Still other climatologists suspect that global temperature changes could stem from wobbles in the earth's rotation that alter the amount of sunlight striking the surface. Some think that there may even be subtle changes in the earth's orbit, which would increase or decrease the distance from the sun.

However they explain the recent cooling, there are many observers who are not convinced that it is part of a long-term trend. Two Government experts, Donald Oilman and J. Murray Mitchell Jr., argue that it may only be a random fluctuation, rather than part of any fixed cycle. In fact until a few years ago, many scientists suspected that the earth would heat up, largely because of mankind's increasing output of carbon dioxide. A byproduct of fossil-fuel burning, the gas lets sunlight pass down through the atmosphere but prevents the escape of infra-red heat waves that are radiated from the earth's surface. Thus the gas adds to the planet's heat store.

To ease the adverse effects of changing climate, some people talk of "weather modification." Cloud seeding, for example, has been tried to release rains over parched fields. But the technique is still primitive and it raises serious political and ecological questions: if rain makers manage to bring water to one region will they be depriving another—perhaps in a neighboring country? The skilled plant breeders who created the Green Revolution can breed tougher grains to meet changes of climate. But these will take time to perfect, and their use will be limited unless science makes greater progress in long-range weather forecasting. Otherwise, farmers will not know which of the new seeds to plant. Unfortunately, even the best long-range weather predictions are notoriously inaccurate. Fluctuations in climate depend on so many variables—winds, temperature, rates of evaporation, etc.—that meteorologists have yet to formulate accurate mathematical models to show how all such factors affect one another.

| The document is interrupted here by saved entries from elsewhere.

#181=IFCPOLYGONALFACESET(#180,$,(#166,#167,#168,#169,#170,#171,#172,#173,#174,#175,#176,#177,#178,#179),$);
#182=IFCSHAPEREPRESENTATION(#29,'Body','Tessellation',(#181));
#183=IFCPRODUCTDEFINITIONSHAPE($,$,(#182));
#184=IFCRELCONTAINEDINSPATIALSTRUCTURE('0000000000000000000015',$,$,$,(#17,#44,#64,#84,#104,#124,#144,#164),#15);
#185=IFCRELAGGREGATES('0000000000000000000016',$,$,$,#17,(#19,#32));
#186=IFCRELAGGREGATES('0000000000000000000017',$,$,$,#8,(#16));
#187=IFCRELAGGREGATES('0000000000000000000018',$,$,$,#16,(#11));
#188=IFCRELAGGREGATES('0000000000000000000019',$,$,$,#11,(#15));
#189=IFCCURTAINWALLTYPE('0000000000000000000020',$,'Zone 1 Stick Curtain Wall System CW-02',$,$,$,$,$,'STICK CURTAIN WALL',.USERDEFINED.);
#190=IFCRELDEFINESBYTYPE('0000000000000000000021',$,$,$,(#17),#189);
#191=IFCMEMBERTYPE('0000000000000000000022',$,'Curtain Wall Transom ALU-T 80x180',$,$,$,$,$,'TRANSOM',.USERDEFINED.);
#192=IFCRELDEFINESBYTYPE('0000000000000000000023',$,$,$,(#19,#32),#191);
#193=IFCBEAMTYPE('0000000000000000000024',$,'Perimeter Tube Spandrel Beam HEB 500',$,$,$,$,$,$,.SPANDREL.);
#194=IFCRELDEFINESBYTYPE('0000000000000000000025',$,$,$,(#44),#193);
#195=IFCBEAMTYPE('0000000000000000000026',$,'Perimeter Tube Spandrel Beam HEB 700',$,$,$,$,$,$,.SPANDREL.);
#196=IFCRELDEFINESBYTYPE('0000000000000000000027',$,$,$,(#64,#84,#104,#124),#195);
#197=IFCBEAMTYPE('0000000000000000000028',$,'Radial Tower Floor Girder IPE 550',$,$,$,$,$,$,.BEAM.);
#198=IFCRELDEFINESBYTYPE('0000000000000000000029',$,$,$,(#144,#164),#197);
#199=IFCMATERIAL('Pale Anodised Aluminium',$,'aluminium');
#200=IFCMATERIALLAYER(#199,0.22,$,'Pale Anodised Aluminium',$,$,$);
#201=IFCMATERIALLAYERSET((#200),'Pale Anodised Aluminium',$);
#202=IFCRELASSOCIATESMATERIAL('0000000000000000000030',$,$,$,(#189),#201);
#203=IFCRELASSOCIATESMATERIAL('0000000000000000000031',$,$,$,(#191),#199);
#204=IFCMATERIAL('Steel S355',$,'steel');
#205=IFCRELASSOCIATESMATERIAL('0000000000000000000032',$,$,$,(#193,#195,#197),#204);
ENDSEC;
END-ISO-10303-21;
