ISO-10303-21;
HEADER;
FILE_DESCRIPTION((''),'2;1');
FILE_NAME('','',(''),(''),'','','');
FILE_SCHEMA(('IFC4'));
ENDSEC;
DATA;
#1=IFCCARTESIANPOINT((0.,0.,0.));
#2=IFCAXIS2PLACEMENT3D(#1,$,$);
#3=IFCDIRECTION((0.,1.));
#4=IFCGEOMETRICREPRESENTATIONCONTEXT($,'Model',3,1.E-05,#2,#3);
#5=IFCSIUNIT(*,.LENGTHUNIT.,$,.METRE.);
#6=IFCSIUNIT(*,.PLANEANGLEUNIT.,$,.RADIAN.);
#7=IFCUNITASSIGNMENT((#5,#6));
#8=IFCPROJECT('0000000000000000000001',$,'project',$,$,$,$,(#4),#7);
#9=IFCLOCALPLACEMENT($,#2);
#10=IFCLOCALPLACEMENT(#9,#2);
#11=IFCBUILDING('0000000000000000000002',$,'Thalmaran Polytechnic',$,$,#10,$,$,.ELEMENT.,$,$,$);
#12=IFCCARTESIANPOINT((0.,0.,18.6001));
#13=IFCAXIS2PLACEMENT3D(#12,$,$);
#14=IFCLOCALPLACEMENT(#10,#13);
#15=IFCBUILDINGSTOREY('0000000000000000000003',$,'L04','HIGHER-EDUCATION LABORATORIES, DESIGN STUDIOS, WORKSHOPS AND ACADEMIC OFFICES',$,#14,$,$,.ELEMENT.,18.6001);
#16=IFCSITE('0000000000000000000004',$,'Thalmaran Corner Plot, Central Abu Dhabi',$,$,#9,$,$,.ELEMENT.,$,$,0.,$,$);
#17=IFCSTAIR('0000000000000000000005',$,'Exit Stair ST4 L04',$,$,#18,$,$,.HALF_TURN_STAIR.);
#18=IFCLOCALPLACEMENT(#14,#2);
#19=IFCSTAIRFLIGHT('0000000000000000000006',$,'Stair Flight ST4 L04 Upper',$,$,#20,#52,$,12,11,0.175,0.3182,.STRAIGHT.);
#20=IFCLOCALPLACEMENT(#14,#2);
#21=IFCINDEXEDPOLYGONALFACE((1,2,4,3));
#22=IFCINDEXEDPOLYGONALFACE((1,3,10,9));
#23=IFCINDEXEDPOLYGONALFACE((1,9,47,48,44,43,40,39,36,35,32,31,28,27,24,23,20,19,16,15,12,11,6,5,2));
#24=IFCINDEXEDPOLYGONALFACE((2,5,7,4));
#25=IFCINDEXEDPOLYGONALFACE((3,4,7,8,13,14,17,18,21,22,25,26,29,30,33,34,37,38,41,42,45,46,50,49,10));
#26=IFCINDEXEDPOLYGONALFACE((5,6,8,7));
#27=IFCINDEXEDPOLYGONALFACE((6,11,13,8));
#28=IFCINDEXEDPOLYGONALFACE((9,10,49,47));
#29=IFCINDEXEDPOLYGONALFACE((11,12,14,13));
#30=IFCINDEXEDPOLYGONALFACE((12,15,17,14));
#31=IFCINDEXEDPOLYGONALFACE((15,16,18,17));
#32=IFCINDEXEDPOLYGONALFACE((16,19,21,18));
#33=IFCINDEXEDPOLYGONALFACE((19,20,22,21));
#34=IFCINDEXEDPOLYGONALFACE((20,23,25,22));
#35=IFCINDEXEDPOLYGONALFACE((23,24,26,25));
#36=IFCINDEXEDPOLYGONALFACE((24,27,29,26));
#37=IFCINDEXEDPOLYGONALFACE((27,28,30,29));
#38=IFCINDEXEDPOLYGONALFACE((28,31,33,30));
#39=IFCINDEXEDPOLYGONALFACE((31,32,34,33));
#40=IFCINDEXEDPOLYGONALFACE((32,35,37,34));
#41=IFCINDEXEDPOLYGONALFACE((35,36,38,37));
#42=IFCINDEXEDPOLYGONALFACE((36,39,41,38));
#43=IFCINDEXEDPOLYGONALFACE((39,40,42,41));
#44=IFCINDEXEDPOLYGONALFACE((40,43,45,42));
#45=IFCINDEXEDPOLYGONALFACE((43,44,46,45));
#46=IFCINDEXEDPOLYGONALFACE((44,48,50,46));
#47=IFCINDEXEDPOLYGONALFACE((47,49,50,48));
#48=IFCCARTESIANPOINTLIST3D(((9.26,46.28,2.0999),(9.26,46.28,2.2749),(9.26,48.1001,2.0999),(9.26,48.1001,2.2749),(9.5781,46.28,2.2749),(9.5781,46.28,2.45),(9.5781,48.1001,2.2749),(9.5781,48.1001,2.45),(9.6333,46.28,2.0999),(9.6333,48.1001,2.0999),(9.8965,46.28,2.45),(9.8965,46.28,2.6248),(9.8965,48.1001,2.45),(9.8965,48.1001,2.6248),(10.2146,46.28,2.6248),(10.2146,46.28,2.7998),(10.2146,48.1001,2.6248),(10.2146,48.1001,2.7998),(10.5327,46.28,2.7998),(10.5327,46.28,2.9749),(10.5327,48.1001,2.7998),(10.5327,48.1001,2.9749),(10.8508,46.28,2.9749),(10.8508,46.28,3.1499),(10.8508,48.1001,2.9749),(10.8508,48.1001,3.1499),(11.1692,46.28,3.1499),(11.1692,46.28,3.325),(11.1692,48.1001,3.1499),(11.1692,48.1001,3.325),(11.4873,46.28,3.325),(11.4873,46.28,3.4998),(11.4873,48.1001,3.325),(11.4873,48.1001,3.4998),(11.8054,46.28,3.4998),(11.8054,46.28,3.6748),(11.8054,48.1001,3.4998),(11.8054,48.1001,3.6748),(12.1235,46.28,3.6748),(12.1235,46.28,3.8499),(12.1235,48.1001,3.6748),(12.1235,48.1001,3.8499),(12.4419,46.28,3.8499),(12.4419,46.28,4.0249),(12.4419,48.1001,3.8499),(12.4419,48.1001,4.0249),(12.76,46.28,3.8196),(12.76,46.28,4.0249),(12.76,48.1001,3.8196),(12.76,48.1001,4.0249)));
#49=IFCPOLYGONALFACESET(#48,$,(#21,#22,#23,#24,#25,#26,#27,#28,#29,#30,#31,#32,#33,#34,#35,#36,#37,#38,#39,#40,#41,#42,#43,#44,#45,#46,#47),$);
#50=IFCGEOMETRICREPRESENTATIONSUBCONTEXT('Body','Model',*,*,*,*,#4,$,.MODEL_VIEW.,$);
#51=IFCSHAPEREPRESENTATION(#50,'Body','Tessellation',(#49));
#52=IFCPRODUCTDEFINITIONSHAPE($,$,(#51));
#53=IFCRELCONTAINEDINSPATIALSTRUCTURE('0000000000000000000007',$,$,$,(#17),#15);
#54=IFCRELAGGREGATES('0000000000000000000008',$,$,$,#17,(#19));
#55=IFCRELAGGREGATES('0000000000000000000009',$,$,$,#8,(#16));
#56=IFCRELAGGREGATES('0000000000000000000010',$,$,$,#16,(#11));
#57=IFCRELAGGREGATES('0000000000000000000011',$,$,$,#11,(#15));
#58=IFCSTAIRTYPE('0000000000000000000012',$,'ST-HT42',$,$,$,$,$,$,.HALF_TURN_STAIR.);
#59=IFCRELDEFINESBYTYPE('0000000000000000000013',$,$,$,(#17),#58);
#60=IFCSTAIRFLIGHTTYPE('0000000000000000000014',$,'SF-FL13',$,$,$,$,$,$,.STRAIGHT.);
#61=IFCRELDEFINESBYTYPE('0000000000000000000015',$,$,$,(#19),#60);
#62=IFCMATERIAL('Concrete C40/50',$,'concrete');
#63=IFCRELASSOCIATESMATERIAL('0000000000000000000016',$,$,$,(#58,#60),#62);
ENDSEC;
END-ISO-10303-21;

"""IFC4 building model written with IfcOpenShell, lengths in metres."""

from ifc_helpers import new_model, si_unit, direction, frame, origin, place, context, subcontext, project, spatial, polyline, outline, extrude, material, type_object, element, aggregate, save


model = new_model("IFC4")

# Units and contexts
model_context = context("Model", 3, precision=1e-05, world=origin(), true_north=direction((0.0, 1.0)))
body_context = subcontext(model_context, "Body", "Model", "MODEL_VIEW")
ifc_project = project(units=[si_unit("LENGTHUNIT", "METRE"), si_unit("PLANEANGLEUNIT", "RADIAN")], contexts=[model_context])

# Site, building, storey
site_placement = place(None, origin())
site = spatial("IfcSite", under=ifc_project, at=site_placement, Name="Thalmaran Corner Plot, Central Abu Dhabi", CompositionType="ELEMENT", RefElevation=0.0)
building_placement = place(site_placement, origin())
building = spatial("IfcBuilding", under=site, at=building_placement, Name="Thalmaran Polytechnic", CompositionType="ELEMENT")
storey_placement = place(building_placement, frame((0.0, 0.0, 18.6001)))
storey = spatial("IfcBuildingStorey", under=building, at=storey_placement, Name="L04", Description="HIGHER-EDUCATION LABORATORIES, DESIGN STUDIOS, WORKSHOPS AND ACADEMIC OFFICES", CompositionType="ELEMENT", Elevation=18.6001)

# Shared definitions
ifc_material_1 = material(Name="Concrete C40/50", Category="concrete")

# Stair, stair flight
stair_type = type_object("IfcStairType", Name="ST-HT42", PredefinedType="HALF_TURN_STAIR", material=ifc_material_1)
stair_placement = place(storey_placement, origin())
stair = element("IfcStair", 1, at=stair_placement, inside=storey, type_object=stair_type, Name="Exit Stair ST4 L04", PredefinedType="HALF_TURN_STAIR")
stair_flight_type = type_object("IfcStairFlightType", Name="SF-FL13", PredefinedType="STRAIGHT", material=ifc_material_1)
stair_flight_1_placement = place(storey_placement, frame((9.26, 47.1899, 2.0999), z_axis=(0.0, 0.0, 1.0), x_axis=(1.0, 0.0, 0.0)))
stair_flight_1 = element("IfcStairFlight", 2, at=stair_flight_1_placement, type_object=stair_flight_type, Name="Stair Flight ST4 L04 Upper", NumberOfRisers=12, NumberOfTreads=11, PredefinedType="STRAIGHT", RiserHeight=0.175, TreadLength=0.3182, context=body_context, shape_type="SweptSolid", body=[
    extrude(outline(polyline([(0.0, 0.0), (0.0, 0.175), (0.3181, 0.175), (0.3181, 0.3501), (0.6365, 0.3501), (0.6365, 0.5249), (0.9546, 0.5249), (0.9546, 0.7), (1.2727, 0.7), (1.2727, 0.875), (1.5908, 0.875), (1.5908, 1.05), (1.9092, 1.05), (1.9092, 1.2251), (2.2273, 1.2251), (2.2273, 1.3999), (2.5454, 1.3999), (2.5454, 1.575), (2.8635, 1.575), (2.8635, 1.75), (3.1819, 1.75), (3.1819, 1.925), (3.5, 1.925), (3.5, 2.1001), (3.5, 1.7197), (0.3733, 0.0), (0.0, 0.0)])), frame((0.0, 0.9102, 0.0), z_axis=(0.0, -1.0, 0.0), x_axis=(1.0, 0.0, 0.0)), (0.0, 0.0, 1.0), 1.8201),
])
aggregate(stair, [stair_flight_1])

save(model, "model.ifc")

Some new approaches promise help. As part of a multinational scientific program called NORPAX (North Pacific Experiment), Meteorologist Jerome Namias of Scripps Institution of Oceanography has been investigating unexplained links between ocean temperatures and weather. He has found, for instance, that the formation of hot and cold patches in specific parts of the Pacific appears to be followed by colder-than-normal winters in the Eastern U.S. and warmer-than-normal winters in the West. If enough patterns of that kind can be found, says Namias, they could tip off long-range trends.